Brave Browser Under Fire For Alleged Sale Of Copyrighted Data

Brave browser faces criticism for allegedly selling copyrighted data for AI training, sparking debates on ethical data usage and transparency.

Brave is alleged to sell copyrighted data for AI training.
The company's practices raise ethical and legal questions about fair use and copyright infringement.
The controversy highlights the need for greater transparency in the tech industry.

SEJ STAFF Matt G. Southern

July 17, 2023
⋅
3 min read

SEJ STAFF Matt G. Southern Senior News Writer at Search Engine Journal

Bio

84

SHARES
5.7K

READS

Brave Browser Under Fire For Alleged Sale Of Copyrighted Data

Brave, a privacy-focused web browser, has come under fire for supposedly selling copyrighted data to train artificial intelligence models.

This has sparked debates around the ethical use of data and the need for transparency.

An article by Alex Ivanovs of Stack Diary brought the allegations against Brave to light.

Ivanovs raised concerns that Brave may be collecting and selling user data without permission to companies developing AI systems.

Though Brave touts strong privacy protections, its alleged sale of copyrighted material for AI training raises questions about data practices that may violate user trust and expectations of privacy.
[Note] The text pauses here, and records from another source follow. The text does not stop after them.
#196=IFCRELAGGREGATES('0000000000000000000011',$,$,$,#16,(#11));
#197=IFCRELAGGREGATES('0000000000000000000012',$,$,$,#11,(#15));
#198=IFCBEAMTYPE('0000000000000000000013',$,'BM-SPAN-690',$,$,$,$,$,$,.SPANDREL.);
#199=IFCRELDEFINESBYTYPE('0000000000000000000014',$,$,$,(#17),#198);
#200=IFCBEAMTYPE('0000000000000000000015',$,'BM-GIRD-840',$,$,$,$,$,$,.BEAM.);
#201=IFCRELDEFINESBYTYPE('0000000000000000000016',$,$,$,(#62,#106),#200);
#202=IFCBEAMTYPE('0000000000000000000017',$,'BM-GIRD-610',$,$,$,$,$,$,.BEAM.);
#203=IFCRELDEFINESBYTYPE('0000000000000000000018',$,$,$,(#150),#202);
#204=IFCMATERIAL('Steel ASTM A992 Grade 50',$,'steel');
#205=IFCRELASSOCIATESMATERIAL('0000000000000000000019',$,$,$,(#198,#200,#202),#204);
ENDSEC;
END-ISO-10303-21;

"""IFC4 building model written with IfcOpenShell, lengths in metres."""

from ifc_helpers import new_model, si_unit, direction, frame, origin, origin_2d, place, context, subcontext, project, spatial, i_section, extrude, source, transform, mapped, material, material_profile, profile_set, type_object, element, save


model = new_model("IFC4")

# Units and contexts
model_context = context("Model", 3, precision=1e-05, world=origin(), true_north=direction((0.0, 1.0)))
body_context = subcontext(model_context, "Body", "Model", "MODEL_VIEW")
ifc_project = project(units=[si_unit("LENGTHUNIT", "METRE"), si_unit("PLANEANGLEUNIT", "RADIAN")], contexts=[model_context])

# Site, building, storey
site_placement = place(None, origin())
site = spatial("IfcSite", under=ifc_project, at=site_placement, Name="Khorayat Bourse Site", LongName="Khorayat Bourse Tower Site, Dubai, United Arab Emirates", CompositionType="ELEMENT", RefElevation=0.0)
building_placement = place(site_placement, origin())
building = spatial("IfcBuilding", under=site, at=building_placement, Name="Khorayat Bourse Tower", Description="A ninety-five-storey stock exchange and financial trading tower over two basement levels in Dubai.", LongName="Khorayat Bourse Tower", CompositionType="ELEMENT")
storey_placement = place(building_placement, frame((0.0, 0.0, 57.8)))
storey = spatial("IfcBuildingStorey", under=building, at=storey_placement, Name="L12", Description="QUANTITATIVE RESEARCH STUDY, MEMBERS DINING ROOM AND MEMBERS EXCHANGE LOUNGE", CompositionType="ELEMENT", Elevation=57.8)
The brewing controversy highlights tensions around using personal data to advance AI capabilities versus respecting data privacy and ownership rights. It underscores the need for clear communication and user consent regarding sharing their information.

The situation calls into question whether Brave truly prioritizes user privacy and data control, as claimed.

Unpacking The Allegations

Ivanovs claimed that Brave enables access to copyrighted content through its Brave Search API, allowing third parties to use this data for AI training without proper licensing.

He argued that Brave’s lack of regard for copyrights and monetizing data access are ethically questionable practices.

Ivanovs writes:

“Brave lets you ingest copyrighted material through their Brave Search API, to which they also assign you ‘rights.'”

Brave’s Response

The accusations led Josep M. Pujol, the head of search at Brave, to defend the company’s actions. Pujol said the rights issues were related to Brave’s search engine results, not the content itself.

Pujol explains:

“Brave Search has the right to monetize and put terms of service on the output of its search-engine.”

Pujol also stated that all data supplied is always attributed to the URL of the content.

The Investigation

Ivanovs noted that Brave Search provides lengthy “Extra alternate snippets” similar to Google’s Featured Snippets. He questioned whether these long snippets, ranging from 150 to 260 words, comply with fair use copyright principles.

Additionally, Ivanovs criticized Brave for not revealing details about its web crawler, which indexes website content. He argued this prevents website owners from blocking Brave from potentially selling their content.

Brave countered that its crawler respects the robots.txt standard websites use to control crawlers.

The Implications

In closing his report, Ivanovs noted that the consequences of Brave’s practices extend beyond the search engine itself.

He voiced worries about the possibility that the system could be misused and the ambiguity surrounding the lawfulness of Brave’s methods.

Additionally, he challenged Brave’s stance that, as a search engine, it is entitled to scrape and resell data verbatim.

Ivanovs warns:

“I don’t see a world in which this cannot be abused.”

As of now, the debate continues.

This issue prompts important questions regarding the ethical application of data, making money from other’s content, and the level of openness displayed by major technology companies.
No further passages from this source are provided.